Der Geruch der Senffelder liegt in der Luft. In der Ferne hört man das Summen der Erntemaschinen. Es ist Herbst. Und während ich darüber nachdenke, fliegen über mir Wildgänse in Richtung Süden. Mein Opa sagte immer, dass sie die ersten Anzeichen des kommenden Winters sind und das, wenn man sie am Himmel sieht, der Schnee nicht lange auf sich warten lässt. Heute denke ich, dass diese Gleichung nicht mehr stimmt.

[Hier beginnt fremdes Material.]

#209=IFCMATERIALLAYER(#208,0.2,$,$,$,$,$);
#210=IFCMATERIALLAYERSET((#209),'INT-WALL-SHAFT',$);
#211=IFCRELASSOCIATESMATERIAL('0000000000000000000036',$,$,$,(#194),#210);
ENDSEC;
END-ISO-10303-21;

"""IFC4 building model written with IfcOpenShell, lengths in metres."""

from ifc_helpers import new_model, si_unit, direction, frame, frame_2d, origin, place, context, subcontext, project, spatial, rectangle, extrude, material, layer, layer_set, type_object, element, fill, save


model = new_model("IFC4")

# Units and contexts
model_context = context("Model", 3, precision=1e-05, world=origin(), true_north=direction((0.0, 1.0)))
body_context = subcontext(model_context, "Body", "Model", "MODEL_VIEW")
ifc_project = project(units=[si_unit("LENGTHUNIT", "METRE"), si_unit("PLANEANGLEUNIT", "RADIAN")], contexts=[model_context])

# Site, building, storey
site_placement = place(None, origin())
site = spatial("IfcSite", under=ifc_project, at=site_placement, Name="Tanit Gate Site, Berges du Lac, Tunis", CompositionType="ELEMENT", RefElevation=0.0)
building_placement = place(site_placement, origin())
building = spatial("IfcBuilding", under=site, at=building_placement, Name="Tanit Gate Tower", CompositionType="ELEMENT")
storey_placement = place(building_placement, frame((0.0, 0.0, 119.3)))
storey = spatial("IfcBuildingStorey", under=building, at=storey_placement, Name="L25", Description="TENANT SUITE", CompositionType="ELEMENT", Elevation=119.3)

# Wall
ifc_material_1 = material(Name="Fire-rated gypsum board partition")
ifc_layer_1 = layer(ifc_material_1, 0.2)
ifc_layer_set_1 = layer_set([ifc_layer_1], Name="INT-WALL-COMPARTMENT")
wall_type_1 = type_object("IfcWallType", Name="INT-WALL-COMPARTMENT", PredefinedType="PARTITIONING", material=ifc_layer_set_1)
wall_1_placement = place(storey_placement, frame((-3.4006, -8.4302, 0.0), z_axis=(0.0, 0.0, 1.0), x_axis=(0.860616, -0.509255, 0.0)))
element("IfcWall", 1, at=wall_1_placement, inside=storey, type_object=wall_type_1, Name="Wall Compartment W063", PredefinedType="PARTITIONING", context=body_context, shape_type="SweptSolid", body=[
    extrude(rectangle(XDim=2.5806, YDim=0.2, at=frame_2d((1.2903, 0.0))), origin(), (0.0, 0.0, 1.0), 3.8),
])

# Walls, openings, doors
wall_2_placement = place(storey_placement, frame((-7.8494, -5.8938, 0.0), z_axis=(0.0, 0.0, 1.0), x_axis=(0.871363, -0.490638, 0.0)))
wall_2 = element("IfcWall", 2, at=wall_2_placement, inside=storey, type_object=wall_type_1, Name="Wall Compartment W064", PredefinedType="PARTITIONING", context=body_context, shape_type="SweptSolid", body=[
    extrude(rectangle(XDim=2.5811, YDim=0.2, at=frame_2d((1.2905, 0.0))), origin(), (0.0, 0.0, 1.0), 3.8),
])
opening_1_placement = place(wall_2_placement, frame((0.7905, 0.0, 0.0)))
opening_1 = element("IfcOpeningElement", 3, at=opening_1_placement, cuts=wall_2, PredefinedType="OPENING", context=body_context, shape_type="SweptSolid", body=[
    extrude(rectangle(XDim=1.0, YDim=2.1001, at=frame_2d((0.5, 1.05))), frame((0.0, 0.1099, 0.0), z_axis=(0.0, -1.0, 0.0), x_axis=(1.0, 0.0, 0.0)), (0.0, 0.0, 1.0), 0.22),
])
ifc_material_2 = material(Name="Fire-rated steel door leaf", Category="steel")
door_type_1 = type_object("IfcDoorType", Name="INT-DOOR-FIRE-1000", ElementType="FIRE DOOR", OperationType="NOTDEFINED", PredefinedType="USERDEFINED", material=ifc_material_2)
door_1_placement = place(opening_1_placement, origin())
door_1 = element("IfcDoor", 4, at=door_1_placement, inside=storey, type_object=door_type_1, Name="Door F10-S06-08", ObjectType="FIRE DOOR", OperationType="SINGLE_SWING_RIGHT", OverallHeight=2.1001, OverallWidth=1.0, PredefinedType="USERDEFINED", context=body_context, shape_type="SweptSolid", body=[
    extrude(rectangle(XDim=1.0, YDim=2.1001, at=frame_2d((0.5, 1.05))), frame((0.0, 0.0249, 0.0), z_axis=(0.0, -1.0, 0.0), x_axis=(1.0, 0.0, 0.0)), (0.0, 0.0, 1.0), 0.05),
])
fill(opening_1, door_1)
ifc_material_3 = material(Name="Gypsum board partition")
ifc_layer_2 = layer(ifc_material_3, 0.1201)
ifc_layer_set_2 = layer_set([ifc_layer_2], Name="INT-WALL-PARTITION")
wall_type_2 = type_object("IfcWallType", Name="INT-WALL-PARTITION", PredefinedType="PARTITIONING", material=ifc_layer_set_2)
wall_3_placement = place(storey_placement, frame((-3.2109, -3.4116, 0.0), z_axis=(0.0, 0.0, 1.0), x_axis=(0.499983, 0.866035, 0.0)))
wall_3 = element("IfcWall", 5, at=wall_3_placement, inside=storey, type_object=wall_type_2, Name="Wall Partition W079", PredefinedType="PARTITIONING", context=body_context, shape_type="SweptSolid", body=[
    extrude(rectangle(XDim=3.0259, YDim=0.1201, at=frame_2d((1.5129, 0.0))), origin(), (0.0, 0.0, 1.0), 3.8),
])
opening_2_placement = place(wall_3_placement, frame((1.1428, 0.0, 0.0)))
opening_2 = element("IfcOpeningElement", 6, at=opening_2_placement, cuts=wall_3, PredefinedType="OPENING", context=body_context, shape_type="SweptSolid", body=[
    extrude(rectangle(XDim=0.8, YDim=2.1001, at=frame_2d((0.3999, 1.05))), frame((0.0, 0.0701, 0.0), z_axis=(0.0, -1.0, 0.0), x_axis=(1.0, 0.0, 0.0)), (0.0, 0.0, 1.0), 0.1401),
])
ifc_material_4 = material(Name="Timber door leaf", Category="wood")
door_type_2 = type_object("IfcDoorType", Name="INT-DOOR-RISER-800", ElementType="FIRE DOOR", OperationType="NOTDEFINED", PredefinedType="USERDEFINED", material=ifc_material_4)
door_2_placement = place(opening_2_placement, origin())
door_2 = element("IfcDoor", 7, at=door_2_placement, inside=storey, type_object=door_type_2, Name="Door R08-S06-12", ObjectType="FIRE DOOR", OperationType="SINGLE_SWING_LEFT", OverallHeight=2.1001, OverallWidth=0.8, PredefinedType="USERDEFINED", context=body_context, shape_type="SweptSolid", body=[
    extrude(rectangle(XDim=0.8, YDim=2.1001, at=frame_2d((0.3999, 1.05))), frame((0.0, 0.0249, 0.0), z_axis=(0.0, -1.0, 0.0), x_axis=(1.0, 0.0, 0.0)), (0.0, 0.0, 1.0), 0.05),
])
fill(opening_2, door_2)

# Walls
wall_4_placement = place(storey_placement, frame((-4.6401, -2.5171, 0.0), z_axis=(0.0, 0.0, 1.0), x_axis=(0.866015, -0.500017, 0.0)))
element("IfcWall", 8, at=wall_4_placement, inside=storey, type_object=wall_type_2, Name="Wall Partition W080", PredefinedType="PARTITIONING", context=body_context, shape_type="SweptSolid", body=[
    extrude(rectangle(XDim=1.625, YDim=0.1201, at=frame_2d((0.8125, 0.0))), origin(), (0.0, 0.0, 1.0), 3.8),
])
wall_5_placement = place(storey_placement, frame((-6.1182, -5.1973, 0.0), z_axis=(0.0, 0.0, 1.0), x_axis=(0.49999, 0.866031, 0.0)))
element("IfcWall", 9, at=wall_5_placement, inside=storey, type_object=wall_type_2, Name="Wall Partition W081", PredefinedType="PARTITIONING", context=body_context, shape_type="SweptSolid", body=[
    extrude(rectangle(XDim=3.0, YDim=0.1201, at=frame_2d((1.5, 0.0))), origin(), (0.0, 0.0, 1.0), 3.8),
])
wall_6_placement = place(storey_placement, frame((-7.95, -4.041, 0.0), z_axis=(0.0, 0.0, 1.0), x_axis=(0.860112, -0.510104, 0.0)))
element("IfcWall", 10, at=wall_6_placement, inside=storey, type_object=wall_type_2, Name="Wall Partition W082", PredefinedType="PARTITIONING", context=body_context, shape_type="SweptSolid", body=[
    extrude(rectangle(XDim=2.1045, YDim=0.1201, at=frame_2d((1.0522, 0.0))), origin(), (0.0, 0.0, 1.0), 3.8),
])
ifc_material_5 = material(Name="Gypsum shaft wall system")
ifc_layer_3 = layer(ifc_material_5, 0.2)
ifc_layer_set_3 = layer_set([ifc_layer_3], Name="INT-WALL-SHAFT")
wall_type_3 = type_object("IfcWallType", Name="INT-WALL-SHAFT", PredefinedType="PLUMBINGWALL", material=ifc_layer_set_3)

Wie jeden Abend spaziere ich mit meinem Hund Andor über den hohen Esch. Nicht weit vom Heiligen Häuschen, dessen alte Gemäuer uralte Geschichten erzählen könnten, lasse ich ihn laufen. Er rennt voraus. Dreht sich um. Und kehrt zu mir zurück. Dann rennt er wieder los. Er tobt sich aus. Plötzlich bleibt er stehen. Sein Blick, auf einen Punkt fokussiert. Seine Nase arbeitet. Jeder Muskel seines Körpers ist angespannt. Er verharrt, ohne einen Laut zu geben und hebt dabei einen Vorderlauf an. Ich habe es ihm nicht beigebracht. Er macht es einfach so. Ich stehe neben ihm, beobachte ihn und es scheint mir fast, als würde die Zeit stillstehen.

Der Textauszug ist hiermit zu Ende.